Laatste nieuws
Robert Crommentuyn
Robert Crommentuyn
6 minuten leestijd
interview

‘Ik ben een fan van echte oplossingen’

Plaats een reactie

Aids-onderzoeker Jaap Goudsmit verruilt universiteit voor bedrijfsleven

Al vele jaren behoort Jaap Goudsmit (50) tot de internationale top van het aids-onderzoek. Hij was daardoor een van gezichtsbepalers van de Universiteit van Amsterdam. Het keurslijf van de academie begon echter te knellen. Vanaf deze maand leidt Goudsmit de afdeling Vaccinontwikkeling van biotechbedrijf Crucell.

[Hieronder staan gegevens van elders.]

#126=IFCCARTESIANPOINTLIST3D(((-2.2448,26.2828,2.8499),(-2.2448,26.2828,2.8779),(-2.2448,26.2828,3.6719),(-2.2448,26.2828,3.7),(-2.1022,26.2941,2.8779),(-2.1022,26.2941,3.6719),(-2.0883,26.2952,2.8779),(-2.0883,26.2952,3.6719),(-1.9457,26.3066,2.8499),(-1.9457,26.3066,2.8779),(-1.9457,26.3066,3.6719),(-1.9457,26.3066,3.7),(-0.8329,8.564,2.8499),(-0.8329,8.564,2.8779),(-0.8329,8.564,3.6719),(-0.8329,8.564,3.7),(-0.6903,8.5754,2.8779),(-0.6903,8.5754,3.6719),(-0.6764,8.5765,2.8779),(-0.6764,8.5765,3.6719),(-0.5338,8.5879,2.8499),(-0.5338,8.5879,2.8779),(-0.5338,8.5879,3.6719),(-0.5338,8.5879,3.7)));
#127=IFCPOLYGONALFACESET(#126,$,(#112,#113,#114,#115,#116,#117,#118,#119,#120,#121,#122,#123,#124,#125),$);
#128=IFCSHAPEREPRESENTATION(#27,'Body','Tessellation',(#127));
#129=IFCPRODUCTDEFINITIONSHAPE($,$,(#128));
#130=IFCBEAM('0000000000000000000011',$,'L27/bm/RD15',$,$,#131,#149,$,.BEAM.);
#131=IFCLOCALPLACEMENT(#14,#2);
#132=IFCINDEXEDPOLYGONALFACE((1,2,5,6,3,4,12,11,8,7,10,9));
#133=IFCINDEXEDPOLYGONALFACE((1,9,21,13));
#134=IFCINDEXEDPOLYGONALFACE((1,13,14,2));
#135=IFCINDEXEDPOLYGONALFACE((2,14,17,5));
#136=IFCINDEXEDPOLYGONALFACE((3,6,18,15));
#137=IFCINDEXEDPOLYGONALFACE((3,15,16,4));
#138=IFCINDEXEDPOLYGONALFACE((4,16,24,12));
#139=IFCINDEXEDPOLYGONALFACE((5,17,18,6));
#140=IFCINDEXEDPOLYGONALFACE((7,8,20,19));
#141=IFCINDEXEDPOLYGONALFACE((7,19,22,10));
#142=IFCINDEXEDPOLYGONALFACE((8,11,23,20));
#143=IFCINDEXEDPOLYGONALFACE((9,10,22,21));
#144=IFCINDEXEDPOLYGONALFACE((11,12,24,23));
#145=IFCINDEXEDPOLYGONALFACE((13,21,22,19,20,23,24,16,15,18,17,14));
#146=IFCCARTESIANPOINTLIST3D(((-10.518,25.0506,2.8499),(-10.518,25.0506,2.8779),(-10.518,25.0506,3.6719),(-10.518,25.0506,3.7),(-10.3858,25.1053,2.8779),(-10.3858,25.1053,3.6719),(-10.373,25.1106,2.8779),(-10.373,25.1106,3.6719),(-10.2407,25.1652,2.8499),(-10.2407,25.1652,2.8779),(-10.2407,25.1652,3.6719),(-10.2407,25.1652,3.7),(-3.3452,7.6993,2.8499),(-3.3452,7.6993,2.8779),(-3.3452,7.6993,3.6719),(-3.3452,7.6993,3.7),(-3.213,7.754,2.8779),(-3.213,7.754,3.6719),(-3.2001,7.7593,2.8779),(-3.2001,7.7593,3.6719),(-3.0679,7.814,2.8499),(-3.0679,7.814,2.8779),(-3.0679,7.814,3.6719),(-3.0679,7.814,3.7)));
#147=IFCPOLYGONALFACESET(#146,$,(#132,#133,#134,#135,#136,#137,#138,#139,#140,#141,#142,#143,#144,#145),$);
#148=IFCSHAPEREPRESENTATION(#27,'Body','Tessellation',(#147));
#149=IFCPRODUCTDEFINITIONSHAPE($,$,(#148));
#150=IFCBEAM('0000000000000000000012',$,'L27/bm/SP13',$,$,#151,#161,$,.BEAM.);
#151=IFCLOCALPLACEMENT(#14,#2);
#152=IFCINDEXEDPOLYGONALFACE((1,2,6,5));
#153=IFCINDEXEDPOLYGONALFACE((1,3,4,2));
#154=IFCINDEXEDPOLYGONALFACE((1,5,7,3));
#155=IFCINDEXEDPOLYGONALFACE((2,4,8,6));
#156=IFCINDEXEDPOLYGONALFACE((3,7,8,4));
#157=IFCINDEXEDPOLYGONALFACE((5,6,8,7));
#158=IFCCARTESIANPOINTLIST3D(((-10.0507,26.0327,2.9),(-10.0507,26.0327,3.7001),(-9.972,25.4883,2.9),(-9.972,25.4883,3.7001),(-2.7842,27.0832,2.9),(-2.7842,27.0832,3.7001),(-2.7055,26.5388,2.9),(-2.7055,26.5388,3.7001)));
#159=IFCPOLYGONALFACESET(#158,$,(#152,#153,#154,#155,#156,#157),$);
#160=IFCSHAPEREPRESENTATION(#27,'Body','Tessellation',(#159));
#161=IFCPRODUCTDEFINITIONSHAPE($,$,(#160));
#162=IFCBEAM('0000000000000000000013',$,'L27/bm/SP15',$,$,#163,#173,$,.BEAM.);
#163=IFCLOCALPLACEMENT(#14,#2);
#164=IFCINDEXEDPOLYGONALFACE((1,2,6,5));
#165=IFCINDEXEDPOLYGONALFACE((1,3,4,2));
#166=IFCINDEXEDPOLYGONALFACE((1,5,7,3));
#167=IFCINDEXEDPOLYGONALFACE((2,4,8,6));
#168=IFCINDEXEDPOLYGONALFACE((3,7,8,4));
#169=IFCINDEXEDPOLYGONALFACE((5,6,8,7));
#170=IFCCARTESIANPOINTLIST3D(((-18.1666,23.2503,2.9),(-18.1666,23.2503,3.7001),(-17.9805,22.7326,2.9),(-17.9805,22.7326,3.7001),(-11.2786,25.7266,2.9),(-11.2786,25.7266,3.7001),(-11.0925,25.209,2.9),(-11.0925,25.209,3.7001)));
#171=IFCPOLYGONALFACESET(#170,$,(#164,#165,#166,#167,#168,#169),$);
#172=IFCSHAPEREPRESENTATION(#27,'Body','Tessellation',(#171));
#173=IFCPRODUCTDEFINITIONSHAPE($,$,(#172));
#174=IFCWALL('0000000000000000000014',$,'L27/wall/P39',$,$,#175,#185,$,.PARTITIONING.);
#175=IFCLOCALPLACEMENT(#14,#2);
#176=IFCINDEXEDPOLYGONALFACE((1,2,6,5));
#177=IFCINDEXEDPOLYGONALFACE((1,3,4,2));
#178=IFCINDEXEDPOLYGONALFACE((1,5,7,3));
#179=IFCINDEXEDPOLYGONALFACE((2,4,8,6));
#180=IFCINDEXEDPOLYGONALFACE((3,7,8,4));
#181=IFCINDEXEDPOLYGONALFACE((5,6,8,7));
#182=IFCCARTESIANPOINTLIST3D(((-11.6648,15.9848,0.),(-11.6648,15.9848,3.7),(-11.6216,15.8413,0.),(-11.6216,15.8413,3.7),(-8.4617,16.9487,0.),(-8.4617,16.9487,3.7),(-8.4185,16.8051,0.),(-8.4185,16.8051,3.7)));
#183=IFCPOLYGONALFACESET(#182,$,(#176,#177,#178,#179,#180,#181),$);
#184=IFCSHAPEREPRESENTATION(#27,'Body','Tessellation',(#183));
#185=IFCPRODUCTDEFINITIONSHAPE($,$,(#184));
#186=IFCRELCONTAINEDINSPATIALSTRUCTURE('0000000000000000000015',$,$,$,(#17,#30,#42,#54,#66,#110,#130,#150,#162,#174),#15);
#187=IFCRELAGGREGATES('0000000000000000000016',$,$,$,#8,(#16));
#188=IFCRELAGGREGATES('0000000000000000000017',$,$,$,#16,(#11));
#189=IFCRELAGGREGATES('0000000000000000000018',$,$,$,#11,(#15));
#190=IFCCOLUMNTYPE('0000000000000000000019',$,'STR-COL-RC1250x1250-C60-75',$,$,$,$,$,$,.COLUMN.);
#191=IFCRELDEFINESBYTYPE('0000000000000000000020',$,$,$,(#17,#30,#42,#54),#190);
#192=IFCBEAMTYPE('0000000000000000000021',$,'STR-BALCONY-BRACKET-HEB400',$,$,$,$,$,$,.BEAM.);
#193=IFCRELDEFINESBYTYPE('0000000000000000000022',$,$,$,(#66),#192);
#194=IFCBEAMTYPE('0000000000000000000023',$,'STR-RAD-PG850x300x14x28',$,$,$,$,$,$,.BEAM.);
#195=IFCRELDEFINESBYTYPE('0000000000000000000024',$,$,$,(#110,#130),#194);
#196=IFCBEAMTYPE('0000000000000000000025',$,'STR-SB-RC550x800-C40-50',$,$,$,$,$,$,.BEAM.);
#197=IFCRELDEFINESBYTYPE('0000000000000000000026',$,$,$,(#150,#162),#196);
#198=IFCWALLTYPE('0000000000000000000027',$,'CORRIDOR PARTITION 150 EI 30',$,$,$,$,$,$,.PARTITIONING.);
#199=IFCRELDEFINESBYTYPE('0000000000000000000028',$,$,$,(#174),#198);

Zijn werkkamer in het Leidse hoofdkwartier van Crucell oogt gloednieuw en nog ongebruikt. ‘Zo heb ik het ook graag’, zegt viroloog Jaap Goudsmit monter. ‘Alsof er elk moment een ander zijn intrek kan nemen.’ Zijn nieuwe werkplek ademt dynamiek en beweging en dat is een welkome afwisseling met het starre universitaire bolwerk, zo lijkt de wetenschapper te willen onderstrepen.
Het gebeurt in Nederland niet elke dag dat toponderzoekers de overstap maken van de universiteit naar het bedrijfsleven. Aan degenen die het wel doen, kleeft al gauw het predikaat ‘zakkenvuller’. Goudsmit is zich hiervan bewust, maar vindt dit onterecht. ‘Ik ben nog steeds BIG-geregistreerd arts. Als het mij om het geld ging, was ik lang geleden als microbioloog voor een aantal Brabantse ziekenhuizen gaan werken. Dan zou ik zeker twee keer zoveel verdienen als nu bij Crucell.’

Tekortkomingen


Bovendien mogen sommigen dan wel hun wenkbrauwen fronsen, maar de overstap is lang niet zo groot als hij lijkt, vindt Goudsmit. ‘Na het afronden van mijn artsenstudie ben ik in 1978 naar de Verenigde Staten gegaan. Aan die tijd heb ik een Amerikaanse manier van werken overgehouden. Dat wil zeggen dat ik voor mijn onderzoek altijd veel gebruikmaakte van externe financiering.’ Mede daardoor had de viroloog persoonlijk weinig last van de tekortkomingen van het universitaire systeem. Want over dat systeem is hij na dertien jaar academie kritisch. ‘Het is niet toegesneden op toponderzoek. De universiteiten verdelen het geld democratisch over de verschillende

afdelingen en faculteiten. Je hebt in Nederland - met uitzondering van het Nederlands Kanker Instituut - geen centres of excellence. Ik zou graag hebben gezien dat er iets dergelijks was voor aids-onderzoek, dat in ons land immers zeer succesvol is. Maar dat zit er niet in. Ook is het principe van de matching hier onbekend: Als een onderzoeker op eigen initiatief 10 miljoen euro binnenhaalt, dan zal de universiteit daar niet nog eens 10 miljoen euro bijleggen. Die zal zich eerder tevredenstellen met de gedachte dat die ene wetenschapper nu van middelen is voorzien en dat er meer overblijft voor de rest. Universiteiten zijn misschien goede onderwijsinstellingen, maar daarmee niet per se goede onderzoeksinstellingen.’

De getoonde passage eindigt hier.